I would agree, the Church as Jesus' bride is more than sufficient (equipped) in taking the role of transforming the world. But that's not really the point, is it? We might as well say that Jesus was sufficient to wipe out the Romans and establish His kingdom at the First Coming. Or that the Holy Spirit was sufficient to have spoken the creative words instead of the Father in Genesis 1. It's not about capability: it's about God's will and purpose. What has God revealed about how things will occur and who will be used? How has God determined it will go down?

Besides all that, the Scriptures and history show that the Church age will be no more successful in converting the world than Israel was before her in being faithful to her calling as a kingdom of priests.

As to parts of Scripture that challenge this claim: the Book of Revelation. What does it say about the success of the Church in converting the world to Christ ushering in a golden age? Pretty clearly, the Church age ends in disobedience and apostasy among the nations — a similar situation as Israel's disaster at the First Coming. (To be clear: the Church will be successfulin its primary calling as a tool of God to redeem the elect—but the apostasy of the professing church and the godlessness of society at large will eclipse its ability to transform the world.) Of course, those of the persuasion you describe may dismiss Revelation as a political or apocalyptic book—certainly not describing a literal, future scenario: an impending disaster where God must step in to clean house to get the job done.

Besides Revelation, there's the plethora of OT scriptures which clearly describe Israel's role among the nations in the millennial setting—which serves as a gateway between the here-and-now and the eternal state.
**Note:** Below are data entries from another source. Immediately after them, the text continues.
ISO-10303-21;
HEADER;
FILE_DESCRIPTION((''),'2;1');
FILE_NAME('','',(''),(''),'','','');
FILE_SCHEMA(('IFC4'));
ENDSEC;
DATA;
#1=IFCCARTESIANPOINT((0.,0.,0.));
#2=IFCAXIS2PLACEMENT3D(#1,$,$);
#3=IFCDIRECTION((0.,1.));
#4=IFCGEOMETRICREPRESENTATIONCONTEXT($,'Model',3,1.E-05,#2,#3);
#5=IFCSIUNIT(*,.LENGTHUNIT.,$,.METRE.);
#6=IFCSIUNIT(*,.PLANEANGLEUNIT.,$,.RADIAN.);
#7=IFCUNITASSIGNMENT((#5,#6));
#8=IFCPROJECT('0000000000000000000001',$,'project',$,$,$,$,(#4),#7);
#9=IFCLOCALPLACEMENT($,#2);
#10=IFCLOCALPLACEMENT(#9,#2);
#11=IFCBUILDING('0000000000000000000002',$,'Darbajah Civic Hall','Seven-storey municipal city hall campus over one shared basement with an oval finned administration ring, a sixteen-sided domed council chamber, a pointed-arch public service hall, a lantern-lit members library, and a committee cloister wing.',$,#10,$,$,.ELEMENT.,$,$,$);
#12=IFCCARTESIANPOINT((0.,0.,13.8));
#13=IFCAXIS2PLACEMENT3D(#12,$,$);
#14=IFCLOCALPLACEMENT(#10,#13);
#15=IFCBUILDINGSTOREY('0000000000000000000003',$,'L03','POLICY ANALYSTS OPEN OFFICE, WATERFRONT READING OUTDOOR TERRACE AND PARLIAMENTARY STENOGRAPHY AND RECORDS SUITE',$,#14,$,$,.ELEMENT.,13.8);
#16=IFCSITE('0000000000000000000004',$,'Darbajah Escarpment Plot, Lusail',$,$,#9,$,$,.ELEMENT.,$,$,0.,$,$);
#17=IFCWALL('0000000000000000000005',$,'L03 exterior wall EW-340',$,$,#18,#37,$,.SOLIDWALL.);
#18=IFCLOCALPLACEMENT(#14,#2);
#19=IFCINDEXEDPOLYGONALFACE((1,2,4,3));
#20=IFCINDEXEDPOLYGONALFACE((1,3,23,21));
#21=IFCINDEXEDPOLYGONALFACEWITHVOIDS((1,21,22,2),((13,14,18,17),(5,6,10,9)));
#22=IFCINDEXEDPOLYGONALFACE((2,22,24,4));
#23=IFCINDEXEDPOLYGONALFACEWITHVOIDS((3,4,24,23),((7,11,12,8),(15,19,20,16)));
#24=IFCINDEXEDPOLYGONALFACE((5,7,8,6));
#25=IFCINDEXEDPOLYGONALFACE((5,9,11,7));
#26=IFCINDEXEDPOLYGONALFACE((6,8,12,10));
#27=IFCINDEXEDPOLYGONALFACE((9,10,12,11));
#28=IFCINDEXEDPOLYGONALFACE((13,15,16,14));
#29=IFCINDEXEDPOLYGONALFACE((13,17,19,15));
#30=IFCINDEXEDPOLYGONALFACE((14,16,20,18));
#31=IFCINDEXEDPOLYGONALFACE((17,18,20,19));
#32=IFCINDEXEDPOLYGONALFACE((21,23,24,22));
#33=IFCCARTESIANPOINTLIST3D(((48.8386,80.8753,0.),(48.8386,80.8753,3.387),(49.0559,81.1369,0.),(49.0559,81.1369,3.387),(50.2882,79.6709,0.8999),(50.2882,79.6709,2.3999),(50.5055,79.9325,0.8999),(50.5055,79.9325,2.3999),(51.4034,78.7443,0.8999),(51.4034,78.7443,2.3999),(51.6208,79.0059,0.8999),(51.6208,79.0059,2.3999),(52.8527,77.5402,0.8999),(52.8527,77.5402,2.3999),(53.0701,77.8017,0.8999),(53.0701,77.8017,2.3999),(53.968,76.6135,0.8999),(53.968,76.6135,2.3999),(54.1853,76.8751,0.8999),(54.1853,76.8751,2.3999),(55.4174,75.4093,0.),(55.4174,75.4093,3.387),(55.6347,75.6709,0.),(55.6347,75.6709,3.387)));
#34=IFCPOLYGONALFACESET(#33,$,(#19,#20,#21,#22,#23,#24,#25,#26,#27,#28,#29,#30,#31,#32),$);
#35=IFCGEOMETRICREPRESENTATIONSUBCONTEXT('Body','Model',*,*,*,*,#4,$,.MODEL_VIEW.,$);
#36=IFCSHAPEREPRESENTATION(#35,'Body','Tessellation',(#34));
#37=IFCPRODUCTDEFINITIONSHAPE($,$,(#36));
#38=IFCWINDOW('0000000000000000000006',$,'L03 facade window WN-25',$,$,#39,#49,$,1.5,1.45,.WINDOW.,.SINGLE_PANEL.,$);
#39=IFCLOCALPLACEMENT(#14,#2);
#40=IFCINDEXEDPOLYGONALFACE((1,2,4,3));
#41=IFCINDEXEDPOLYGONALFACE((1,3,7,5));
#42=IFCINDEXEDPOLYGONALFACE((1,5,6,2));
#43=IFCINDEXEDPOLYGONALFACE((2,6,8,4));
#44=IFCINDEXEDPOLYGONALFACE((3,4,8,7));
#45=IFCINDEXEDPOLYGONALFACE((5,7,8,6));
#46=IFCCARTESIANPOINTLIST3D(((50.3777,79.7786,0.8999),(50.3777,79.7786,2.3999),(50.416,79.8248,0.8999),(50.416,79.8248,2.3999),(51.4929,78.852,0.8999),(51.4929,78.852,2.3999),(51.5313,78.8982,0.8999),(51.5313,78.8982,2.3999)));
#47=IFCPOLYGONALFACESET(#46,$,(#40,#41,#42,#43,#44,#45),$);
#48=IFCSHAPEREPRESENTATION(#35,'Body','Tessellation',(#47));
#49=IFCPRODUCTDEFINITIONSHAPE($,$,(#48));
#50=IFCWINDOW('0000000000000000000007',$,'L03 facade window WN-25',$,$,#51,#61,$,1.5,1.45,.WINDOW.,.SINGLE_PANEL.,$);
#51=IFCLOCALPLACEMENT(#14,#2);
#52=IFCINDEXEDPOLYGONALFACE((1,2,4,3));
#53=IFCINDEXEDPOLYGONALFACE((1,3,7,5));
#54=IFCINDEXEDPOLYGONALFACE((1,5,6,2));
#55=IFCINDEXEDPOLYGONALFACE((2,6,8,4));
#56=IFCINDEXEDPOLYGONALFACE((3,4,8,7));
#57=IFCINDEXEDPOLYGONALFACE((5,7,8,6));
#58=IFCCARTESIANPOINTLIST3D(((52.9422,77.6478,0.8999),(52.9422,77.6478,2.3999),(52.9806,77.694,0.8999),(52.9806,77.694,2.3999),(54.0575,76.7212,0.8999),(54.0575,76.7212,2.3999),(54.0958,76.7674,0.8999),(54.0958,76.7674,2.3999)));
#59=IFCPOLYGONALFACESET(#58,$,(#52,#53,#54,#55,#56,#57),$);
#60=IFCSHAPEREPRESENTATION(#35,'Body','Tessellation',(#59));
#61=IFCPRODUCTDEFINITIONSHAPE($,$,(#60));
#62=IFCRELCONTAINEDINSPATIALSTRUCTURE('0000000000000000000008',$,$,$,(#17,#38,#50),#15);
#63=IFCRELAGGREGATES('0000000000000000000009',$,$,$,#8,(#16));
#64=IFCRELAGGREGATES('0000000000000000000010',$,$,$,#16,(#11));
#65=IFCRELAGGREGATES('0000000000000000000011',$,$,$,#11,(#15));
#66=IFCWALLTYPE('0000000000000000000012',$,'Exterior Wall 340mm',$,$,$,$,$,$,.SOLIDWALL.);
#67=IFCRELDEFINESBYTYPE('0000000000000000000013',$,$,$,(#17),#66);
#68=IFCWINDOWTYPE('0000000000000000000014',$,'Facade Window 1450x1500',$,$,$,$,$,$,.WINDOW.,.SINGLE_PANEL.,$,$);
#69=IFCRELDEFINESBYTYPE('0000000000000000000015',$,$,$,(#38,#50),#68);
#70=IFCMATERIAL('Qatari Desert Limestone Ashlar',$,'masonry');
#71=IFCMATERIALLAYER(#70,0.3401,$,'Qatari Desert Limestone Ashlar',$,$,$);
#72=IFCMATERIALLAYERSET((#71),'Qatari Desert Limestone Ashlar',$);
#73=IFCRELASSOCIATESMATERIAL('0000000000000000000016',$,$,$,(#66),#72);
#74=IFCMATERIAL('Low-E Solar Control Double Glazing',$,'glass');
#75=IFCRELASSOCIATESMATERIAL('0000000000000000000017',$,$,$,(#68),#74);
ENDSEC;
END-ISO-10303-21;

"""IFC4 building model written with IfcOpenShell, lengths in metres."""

from ifc_helpers import new_model, si_unit, direction, frame, frame_2d, origin, place, context, subcontext, project, spatial, rectangle, extrude, material, layer, layer_set, type_object, element, fill, save


model = new_model("IFC4")

# Units and contexts
model_context = context("Model", 3, precision=1e-05, world=origin(), true_north=direction((0.0, 1.0)))
body_context = subcontext(model_context, "Body", "Model", "MODEL_VIEW")
ifc_project = project(units=[si_unit("LENGTHUNIT", "METRE"), si_unit("PLANEANGLEUNIT", "RADIAN")], contexts=[model_context])

# Site, building, storey
site_placement = place(None, origin())
site = spatial("IfcSite", under=ifc_project, at=site_placement, Name="Darbajah Escarpment Plot, Lusail", CompositionType="ELEMENT", RefElevation=0.0)
building_placement = place(site_placement, origin())
building = spatial("IfcBuilding", under=site, at=building_placement, Name="Darbajah Civic Hall", Description="Seven-storey municipal city hall campus over one shared basement with an oval finned administration ring, a sixteen-sided domed council chamber, a pointed-arch public service hall, a lantern-lit members library, and a committee cloister wing.", CompositionType="ELEMENT")
storey_placement = place(building_placement, frame((0.0, 0.0, 13.8)))
storey = spatial("IfcBuildingStorey", under=building, at=storey_placement, Name="L03", Description="POLICY ANALYSTS OPEN OFFICE, WATERFRONT READING OUTDOOR TERRACE AND PARLIAMENTARY STENOGRAPHY AND RECORDS SUITE", CompositionType="ELEMENT", Elevation=13.8)

# Shared definitions
ifc_material_1 = material(Name="Low-E Solar Control Double Glazing", Category="glass")

# Wall, openings, windows
ifc_material_2 = material(Name="Qatari Desert Limestone Ashlar", Category="masonry")
ifc_layer_1 = layer(ifc_material_2, 0.3401, Name="Qatari Desert Limestone Ashlar")
ifc_layer_set_1 = layer_set([ifc_layer_1], Name="Qatari Desert Limestone Ashlar")
wall_type = type_object("IfcWallType", Name="Exterior Wall 340mm", PredefinedType="SOLIDWALL", material=ifc_layer_set_1)
wall_placement = place(storey_placement, frame((48.9473, 81.0061, 0.0), z_axis=(0.0, 0.0, 1.0), x_axis=(0.769159, -0.639058, 0.0)))
wall = element("IfcWall", 1, at=wall_placement, inside=storey, type_object=wall_type, Name="L03 exterior wall EW-340", PredefinedType="SOLIDWALL", context=body_context, shape_type="SweptSolid", body=[
    extrude(rectangle(XDim=8.5532, YDim=0.3401, at=frame_2d((4.2766, 0.0))), origin(), (0.0, 0.0, 1.0), 3.387),
])
opening_1_placement = place(wall_placement, frame((1.8845, 0.0, 0.8999)))
opening_1 = element("IfcOpeningElement", 2, at=opening_1_placement, cuts=wall, PredefinedType="OPENING", context=body_context, shape_type="SweptSolid", body=[
    extrude(rectangle(XDim=1.45, YDim=1.5, at=frame_2d((0.7251, 0.75))), frame((0.0, 0.1799, 0.0), z_axis=(0.0, -1.0, 0.0), x_axis=(1.0, 0.0, 0.0)), (0.0, 0.0, 1.0), 0.3601),
])
opening_2_placement = place(wall_placement, frame((5.2188, 0.0, 0.8999)))
opening_2 = element("IfcOpeningElement", 3, at=opening_2_placement, cuts=wall, PredefinedType="OPENING", context=body_context, shape_type="SweptSolid", body=[
    extrude(rectangle(XDim=1.45, YDim=1.5, at=frame_2d((0.7251, 0.75))), frame((0.0, 0.1799, 0.0), z_axis=(0.0, -1.0, 0.0), x_axis=(1.0, 0.0, 0.0)), (0.0, 0.0, 1.0), 0.3601),
])
window_type = type_object("IfcWindowType", Name="Facade Window 1450x1500", PartitioningType="SINGLE_PANEL", PredefinedType="WINDOW", material=ifc_material_1)
window_1_placement = place(opening_1_placement, origin())
window_1 = element("IfcWindow", 4, at=window_1_placement, inside=storey, type_object=window_type, Name="L03 facade window WN-25", OverallHeight=1.5, OverallWidth=1.45, PartitioningType="SINGLE_PANEL", PredefinedType="WINDOW", context=body_context, shape_type="SweptSolid", body=[
    extrude(rectangle(XDim=1.45, YDim=1.5, at=frame_2d((0.7251, 0.75))), frame((0.0, 0.03, 0.0), z_axis=(0.0, -1.0, 0.0), x_axis=(1.0, 0.0, 0.0)), (0.0, 0.0, 1.0), 0.0601),
])
fill(opening_1, window_1)
window_2_placement = place(opening_2_placement, origin())
window_2 = element("IfcWindow", 5, at=window_2_placement, inside=storey, type_object=window_type, Name="L03 facade window WN-25", OverallHeight=1.5, OverallWidth=1.45, PartitioningType="SINGLE_PANEL", PredefinedType="WINDOW", context=body_context, shape_type="SweptSolid", body=[
    extrude(rectangle(XDim=1.45, YDim=1.5, at=frame_2d((0.7251, 0.75))), frame((0.0, 0.03, 0.0), z_axis=(0.0, -1.0, 0.0), x_axis=(1.0, 0.0, 0.0)), (0.0, 0.0, 1.0), 0.0601),
])
fill(opening_2, window_2)

save(model, "model.ifc")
But then, if the OT is a poor shadow and can't really be trusted as to what it says, then this evidence won't be convincing to those who embrace replacement theology. Their mantra is: unless it is explicitly restarted in the NT, then it has been effectively abrogated in the plan of God and we can safely ignore what was said back then. To them to believe otherwise is to be "hyper-literal" or "Judaizing the gospel" as you put it.